In particular, the standard library exporting something like core::mem::CachePadded may enforce a lower alignment than expected if there's flags that increase it.

We have those kinds of downsides with all other optimization-things in std too. But yeah, build-std would be great for this.

Similarly, repr(Rust) types with this alignment annotation may not actually have the same alignment (and not merely because their fields require even higher alignment), which can cause surprising compilation or runtime failures for safe functions like bytemuck::cast_slice.

Cache-padded structures are usually some internal runtime thing, they aren't portable, so they shouldn't get serialized or anything in the bytemuck territory.

[hanna-kruppe]

The unsafe code would somehow have to know that those separate definitions in separate crates are identical, including all their attributes, but somehow be unaware of the weird align value.

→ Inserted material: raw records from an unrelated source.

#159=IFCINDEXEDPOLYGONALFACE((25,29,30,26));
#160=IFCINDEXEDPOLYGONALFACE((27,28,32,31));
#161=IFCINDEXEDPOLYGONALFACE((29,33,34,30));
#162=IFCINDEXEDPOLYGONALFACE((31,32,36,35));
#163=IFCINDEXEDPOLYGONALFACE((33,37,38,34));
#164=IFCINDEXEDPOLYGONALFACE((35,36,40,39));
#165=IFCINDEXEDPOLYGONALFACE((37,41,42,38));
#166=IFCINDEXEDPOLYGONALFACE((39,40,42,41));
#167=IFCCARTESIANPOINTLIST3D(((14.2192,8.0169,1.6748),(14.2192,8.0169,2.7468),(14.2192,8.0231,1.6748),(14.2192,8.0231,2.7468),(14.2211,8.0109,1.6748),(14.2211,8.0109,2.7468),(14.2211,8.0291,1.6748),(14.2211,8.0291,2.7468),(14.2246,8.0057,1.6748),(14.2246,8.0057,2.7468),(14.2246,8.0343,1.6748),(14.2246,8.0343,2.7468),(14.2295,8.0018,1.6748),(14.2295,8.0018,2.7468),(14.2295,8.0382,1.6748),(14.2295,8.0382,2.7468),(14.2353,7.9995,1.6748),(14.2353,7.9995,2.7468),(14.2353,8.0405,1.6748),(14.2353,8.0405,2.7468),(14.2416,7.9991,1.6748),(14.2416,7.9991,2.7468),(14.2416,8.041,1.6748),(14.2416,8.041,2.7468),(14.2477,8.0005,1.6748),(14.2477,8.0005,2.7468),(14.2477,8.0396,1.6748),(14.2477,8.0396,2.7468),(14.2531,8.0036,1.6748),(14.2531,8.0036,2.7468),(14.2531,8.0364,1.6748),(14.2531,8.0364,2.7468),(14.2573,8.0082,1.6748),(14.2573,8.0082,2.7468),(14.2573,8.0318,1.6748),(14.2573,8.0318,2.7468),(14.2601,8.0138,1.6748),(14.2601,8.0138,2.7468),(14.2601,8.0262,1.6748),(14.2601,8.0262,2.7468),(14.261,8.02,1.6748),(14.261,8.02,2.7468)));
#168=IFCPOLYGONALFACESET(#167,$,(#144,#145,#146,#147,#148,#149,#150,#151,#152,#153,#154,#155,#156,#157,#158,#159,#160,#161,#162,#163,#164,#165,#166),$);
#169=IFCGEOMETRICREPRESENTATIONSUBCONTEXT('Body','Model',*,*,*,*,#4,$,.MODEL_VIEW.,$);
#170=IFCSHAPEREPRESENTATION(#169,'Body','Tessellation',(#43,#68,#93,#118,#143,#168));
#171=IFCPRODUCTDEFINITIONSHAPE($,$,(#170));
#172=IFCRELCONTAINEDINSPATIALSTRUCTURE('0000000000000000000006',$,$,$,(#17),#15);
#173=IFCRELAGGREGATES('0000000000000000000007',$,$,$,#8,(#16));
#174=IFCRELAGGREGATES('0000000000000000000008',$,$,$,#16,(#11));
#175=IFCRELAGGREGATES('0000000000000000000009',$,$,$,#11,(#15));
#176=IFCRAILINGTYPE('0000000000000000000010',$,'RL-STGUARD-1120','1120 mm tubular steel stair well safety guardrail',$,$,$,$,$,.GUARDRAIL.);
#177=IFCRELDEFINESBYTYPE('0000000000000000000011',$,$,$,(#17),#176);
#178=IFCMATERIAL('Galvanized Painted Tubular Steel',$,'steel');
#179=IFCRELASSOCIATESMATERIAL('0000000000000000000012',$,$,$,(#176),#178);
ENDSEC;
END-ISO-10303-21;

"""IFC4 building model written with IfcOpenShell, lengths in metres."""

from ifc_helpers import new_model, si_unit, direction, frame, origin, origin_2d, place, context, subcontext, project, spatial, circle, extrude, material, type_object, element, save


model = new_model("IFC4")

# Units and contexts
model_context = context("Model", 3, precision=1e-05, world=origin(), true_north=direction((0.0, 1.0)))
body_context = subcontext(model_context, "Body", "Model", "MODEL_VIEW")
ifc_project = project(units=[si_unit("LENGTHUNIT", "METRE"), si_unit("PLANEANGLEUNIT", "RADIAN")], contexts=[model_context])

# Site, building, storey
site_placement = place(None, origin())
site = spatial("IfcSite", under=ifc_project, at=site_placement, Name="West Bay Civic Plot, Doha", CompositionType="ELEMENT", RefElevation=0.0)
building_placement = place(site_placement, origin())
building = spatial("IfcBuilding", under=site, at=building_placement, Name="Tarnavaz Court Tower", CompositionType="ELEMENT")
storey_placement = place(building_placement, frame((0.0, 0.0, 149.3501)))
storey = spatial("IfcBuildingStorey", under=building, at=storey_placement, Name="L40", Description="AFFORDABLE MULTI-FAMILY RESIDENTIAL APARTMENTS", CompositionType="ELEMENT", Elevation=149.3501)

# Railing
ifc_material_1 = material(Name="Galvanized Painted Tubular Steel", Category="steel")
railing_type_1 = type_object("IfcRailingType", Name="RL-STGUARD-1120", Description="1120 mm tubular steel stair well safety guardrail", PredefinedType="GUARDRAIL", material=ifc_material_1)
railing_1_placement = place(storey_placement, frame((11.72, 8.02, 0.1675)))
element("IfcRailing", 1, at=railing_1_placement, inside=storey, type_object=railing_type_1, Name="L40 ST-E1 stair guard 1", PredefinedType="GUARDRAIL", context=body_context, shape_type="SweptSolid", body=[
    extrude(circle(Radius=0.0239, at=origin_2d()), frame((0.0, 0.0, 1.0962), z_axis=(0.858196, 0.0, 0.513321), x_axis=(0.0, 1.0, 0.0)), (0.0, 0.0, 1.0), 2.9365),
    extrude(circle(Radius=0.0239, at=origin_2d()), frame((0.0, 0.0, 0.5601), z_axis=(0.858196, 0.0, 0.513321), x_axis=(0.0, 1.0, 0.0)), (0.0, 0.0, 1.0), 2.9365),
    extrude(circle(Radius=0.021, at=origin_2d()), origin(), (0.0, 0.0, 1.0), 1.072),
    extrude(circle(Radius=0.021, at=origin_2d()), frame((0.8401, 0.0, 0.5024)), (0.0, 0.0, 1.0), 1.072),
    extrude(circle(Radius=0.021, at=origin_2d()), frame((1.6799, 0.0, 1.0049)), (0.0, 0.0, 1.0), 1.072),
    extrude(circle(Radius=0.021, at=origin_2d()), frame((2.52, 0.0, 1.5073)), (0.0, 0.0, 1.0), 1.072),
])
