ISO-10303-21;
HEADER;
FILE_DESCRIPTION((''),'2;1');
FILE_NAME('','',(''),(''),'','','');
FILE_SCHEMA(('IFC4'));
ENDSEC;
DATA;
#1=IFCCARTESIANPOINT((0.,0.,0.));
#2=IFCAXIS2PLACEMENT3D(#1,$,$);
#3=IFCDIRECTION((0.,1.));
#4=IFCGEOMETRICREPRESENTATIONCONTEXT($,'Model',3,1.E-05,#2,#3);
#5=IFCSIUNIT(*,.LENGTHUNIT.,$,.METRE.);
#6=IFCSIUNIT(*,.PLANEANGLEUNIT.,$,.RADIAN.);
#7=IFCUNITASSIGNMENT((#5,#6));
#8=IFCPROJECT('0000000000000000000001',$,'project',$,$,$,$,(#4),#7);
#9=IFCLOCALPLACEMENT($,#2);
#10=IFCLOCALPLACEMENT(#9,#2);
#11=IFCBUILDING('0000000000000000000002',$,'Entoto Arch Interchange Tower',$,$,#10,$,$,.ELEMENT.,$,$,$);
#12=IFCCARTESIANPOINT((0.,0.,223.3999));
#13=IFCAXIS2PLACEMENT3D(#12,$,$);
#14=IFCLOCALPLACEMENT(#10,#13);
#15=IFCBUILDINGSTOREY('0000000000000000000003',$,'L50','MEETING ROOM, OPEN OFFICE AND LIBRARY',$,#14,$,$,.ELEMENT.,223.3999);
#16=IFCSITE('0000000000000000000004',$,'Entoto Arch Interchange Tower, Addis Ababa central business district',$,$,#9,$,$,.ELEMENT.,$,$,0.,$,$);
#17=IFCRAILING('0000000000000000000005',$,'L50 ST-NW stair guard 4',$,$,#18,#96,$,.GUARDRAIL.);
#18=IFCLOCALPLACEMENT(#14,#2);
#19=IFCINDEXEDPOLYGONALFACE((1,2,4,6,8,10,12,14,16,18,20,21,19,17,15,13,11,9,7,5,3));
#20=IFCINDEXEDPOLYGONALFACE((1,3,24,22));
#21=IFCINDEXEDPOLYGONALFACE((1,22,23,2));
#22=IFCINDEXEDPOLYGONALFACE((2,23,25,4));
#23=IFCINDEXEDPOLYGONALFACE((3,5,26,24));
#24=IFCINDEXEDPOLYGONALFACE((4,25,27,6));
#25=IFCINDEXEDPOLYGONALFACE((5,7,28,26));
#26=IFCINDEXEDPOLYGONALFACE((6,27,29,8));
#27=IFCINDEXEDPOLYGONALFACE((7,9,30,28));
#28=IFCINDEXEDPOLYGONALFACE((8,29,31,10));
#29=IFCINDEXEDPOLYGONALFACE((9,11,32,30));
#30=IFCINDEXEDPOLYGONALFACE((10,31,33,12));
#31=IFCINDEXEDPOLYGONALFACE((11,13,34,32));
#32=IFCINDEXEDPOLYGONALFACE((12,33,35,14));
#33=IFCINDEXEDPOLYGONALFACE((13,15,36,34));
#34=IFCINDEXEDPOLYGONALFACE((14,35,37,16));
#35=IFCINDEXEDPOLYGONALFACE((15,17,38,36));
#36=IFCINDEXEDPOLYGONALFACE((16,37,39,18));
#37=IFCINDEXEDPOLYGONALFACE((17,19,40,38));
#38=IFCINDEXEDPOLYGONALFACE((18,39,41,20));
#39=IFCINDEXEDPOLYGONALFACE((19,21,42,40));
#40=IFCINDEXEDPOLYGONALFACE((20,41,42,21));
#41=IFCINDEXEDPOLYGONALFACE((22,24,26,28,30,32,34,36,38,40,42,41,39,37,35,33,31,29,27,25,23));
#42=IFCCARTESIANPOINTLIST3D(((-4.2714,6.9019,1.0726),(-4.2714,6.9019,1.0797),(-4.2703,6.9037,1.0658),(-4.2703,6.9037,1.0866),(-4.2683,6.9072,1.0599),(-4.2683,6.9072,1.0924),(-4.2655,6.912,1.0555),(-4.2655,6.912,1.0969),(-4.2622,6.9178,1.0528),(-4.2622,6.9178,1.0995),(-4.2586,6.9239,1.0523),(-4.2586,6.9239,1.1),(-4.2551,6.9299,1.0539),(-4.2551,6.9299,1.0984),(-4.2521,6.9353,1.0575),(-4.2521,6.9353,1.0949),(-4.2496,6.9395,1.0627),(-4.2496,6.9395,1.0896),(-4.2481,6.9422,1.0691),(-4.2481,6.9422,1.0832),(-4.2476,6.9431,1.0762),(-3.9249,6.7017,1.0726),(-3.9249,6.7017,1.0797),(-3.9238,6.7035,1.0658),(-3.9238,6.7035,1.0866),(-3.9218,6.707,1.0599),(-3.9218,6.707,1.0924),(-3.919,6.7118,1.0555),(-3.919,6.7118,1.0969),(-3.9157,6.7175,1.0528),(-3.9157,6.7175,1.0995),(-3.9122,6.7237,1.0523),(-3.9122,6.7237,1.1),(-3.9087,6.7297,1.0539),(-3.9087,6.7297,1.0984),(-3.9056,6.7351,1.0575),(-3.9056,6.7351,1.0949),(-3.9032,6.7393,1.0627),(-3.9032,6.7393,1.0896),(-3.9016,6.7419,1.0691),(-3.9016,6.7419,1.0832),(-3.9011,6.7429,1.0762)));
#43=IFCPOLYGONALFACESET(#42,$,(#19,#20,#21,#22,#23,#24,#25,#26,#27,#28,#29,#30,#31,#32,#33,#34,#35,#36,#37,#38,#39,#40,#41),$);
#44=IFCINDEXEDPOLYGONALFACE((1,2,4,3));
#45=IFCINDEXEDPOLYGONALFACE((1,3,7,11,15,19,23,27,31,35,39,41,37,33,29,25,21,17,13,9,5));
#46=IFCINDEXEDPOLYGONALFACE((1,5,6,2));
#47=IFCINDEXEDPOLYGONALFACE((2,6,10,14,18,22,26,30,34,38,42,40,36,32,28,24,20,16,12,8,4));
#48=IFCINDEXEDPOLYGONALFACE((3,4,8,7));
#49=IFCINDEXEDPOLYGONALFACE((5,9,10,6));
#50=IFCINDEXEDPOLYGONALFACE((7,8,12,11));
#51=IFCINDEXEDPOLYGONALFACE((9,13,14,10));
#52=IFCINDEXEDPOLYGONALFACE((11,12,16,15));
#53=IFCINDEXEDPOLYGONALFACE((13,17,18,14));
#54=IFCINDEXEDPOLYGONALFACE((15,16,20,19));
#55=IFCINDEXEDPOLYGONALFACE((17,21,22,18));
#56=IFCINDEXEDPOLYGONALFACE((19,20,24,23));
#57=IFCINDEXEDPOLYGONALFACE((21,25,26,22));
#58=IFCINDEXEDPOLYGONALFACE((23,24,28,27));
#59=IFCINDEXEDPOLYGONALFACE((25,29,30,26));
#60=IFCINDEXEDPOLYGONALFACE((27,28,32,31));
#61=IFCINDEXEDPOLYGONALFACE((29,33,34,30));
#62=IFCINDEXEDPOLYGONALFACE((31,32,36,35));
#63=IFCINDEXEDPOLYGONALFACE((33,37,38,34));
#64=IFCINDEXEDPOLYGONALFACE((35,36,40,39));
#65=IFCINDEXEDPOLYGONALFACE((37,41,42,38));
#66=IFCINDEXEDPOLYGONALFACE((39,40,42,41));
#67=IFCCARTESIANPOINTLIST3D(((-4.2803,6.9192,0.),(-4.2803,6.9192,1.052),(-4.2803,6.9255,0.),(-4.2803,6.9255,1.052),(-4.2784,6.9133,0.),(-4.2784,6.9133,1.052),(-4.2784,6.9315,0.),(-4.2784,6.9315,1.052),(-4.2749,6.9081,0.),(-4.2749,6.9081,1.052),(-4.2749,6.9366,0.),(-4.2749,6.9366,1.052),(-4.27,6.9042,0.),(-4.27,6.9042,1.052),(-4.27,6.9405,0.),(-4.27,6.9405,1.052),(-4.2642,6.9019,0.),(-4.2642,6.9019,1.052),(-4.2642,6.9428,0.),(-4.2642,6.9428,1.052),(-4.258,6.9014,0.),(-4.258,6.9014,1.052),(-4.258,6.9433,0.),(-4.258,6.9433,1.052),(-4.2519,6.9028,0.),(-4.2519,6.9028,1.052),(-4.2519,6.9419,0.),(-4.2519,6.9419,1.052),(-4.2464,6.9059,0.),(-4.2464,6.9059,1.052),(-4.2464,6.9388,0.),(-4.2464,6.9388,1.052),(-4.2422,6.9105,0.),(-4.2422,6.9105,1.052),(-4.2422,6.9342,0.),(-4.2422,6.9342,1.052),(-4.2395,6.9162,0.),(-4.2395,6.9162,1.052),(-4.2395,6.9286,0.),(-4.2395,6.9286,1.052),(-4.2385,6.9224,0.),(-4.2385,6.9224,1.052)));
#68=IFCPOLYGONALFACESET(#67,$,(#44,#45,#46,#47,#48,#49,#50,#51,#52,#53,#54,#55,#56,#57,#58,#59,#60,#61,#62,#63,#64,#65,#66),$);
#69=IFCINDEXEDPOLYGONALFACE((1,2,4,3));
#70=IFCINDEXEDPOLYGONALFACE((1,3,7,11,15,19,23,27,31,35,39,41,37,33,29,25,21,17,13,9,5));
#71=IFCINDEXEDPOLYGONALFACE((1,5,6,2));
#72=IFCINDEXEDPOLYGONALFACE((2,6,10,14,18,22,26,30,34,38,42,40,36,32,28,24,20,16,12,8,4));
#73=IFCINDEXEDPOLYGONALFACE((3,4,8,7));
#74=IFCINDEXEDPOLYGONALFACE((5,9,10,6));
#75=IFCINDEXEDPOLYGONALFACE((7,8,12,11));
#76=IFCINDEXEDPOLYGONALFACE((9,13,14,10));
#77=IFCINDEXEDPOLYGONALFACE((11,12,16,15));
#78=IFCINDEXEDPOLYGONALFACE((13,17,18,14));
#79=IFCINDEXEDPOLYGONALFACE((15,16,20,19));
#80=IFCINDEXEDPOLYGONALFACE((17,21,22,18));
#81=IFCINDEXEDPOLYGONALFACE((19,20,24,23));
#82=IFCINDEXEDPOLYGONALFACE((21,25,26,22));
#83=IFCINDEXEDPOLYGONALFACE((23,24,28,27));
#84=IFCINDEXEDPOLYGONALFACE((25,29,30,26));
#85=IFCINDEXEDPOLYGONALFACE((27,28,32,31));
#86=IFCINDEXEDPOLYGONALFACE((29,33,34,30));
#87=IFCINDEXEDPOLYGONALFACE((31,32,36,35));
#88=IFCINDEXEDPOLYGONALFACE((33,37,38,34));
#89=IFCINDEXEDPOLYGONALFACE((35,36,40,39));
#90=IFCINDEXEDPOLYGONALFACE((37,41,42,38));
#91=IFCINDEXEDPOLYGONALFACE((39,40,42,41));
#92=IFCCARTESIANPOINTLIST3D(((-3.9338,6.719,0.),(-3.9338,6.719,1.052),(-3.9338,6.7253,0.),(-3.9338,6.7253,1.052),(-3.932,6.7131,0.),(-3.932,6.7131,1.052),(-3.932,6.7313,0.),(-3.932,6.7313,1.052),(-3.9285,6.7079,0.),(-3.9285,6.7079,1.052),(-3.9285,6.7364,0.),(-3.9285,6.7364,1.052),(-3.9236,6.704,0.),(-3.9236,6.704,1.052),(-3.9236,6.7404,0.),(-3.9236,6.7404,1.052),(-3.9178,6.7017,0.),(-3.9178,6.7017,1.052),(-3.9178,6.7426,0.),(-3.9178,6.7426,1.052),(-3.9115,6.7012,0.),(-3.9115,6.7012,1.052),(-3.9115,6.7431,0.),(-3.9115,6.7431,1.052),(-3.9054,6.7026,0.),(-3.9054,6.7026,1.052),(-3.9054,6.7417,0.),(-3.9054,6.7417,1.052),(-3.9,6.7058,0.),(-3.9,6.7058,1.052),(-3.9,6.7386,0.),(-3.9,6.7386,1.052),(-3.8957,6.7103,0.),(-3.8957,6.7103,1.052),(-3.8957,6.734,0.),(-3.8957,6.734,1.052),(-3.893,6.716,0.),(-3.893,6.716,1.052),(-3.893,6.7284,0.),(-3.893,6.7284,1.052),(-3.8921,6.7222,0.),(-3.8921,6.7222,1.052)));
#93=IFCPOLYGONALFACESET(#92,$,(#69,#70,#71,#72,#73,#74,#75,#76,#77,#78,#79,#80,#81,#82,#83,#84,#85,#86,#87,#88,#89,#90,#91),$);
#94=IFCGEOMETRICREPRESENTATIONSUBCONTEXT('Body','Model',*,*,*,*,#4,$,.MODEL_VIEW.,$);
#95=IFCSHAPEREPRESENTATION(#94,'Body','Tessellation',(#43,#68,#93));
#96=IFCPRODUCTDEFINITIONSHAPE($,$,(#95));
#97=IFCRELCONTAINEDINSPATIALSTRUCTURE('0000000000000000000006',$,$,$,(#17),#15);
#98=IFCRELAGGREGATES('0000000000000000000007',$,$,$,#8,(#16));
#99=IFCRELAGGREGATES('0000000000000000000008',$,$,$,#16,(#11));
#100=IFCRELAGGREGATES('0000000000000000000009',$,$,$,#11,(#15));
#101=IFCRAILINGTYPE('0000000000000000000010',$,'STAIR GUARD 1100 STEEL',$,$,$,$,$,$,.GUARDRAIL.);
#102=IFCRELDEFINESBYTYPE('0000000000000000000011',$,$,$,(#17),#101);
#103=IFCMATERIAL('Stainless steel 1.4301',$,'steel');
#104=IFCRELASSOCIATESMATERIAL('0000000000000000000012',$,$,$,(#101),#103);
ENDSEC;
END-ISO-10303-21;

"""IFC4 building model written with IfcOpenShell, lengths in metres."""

from ifc_helpers import new_model, si_unit, direction, frame, origin, origin_2d, place, context, subcontext, project, spatial, circle, extrude, material, type_object, element, save


model = new_model("IFC4")

# Units and contexts
model_context = context("Model", 3, precision=1e-05, world=origin(), true_north=direction((0.0, 1.0)))
body_context = subcontext(model_context, "Body", "Model", "MODEL_VIEW")
ifc_project = project(units=[si_unit("LENGTHUNIT", "METRE"), si_unit("PLANEANGLEUNIT", "RADIAN")], contexts=[model_context])

# Site, building, storey
site_placement = place(None, origin())
site = spatial("IfcSite", under=ifc_project, at=site_placement, Name="Entoto Arch Interchange Tower, Addis Ababa central business district", CompositionType="ELEMENT", RefElevation=0.0)
building_placement = place(site_placement, origin())
building = spatial("IfcBuilding", under=site, at=building_placement, Name="Entoto Arch Interchange Tower", CompositionType="ELEMENT")
storey_placement = place(building_placement, frame((0.0, 0.0, 223.3999)))
storey = spatial("IfcBuildingStorey", under=building, at=storey_placement, Name="L50", Description="MEETING ROOM, OPEN OFFICE AND LIBRARY", CompositionType="ELEMENT", Elevation=223.3999)

# Railing
ifc_material_1 = material(Name="Stainless steel 1.4301", Category="steel")
railing_type_1 = type_object("IfcRailingType", Name="STAIR GUARD 1100 STEEL", PredefinedType="GUARDRAIL", material=ifc_material_1)
railing_1_placement = place(storey_placement, frame((-4.2595, 6.9224, 0.0)))
element("IfcRailing", 1, at=railing_1_placement, inside=storey, type_object=railing_type_1, Name="L50 ST-NW stair guard 4", PredefinedType="GUARDRAIL", context=body_context, shape_type="SweptSolid", body=[
    extrude(circle(Radius=0.0239, at=origin_2d()), frame((0.0, 0.0, 1.0762), z_axis=(0.86583, -0.500339, 0.0), x_axis=(0.500339, 0.86583, 0.0)), (0.0, 0.0, 1.0), 0.4001),
    extrude(circle(Radius=0.021, at=origin_2d()), origin(), (0.0, 0.0, 1.0), 1.052),
    extrude(circle(Radius=0.021, at=origin_2d()), frame((0.3464, -0.2002, 0.0)), (0.0, 0.0, 1.0), 1.052),
])

save(model, "model.ifc")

It has to be aware that the align(CACHELINE) can mean different things across crates. Which is not at all obvious, especially given that similar features in other systems languages are fixed globally (as part of the ABI). It's also not the case for any other repr(...) attribute today.

In any case, I don't want to litigate every possible side effect this may have. My main point is that a thing that's mostly thought of as a compile time constant, but is occasionally different across crates that are linked together, would be really weird. Especially if there's also an accompanying constant in the standard library for it, which necessarily has to pick one value that every crate sees. None of that is a fatal problem for this proposal, but either we say "this is actually a constant and not modified by compiler flags" (with the downsides already discussed in the C++ context) or we'll add a new entry to the "I did not know Rust was weird like that" trivia rotation.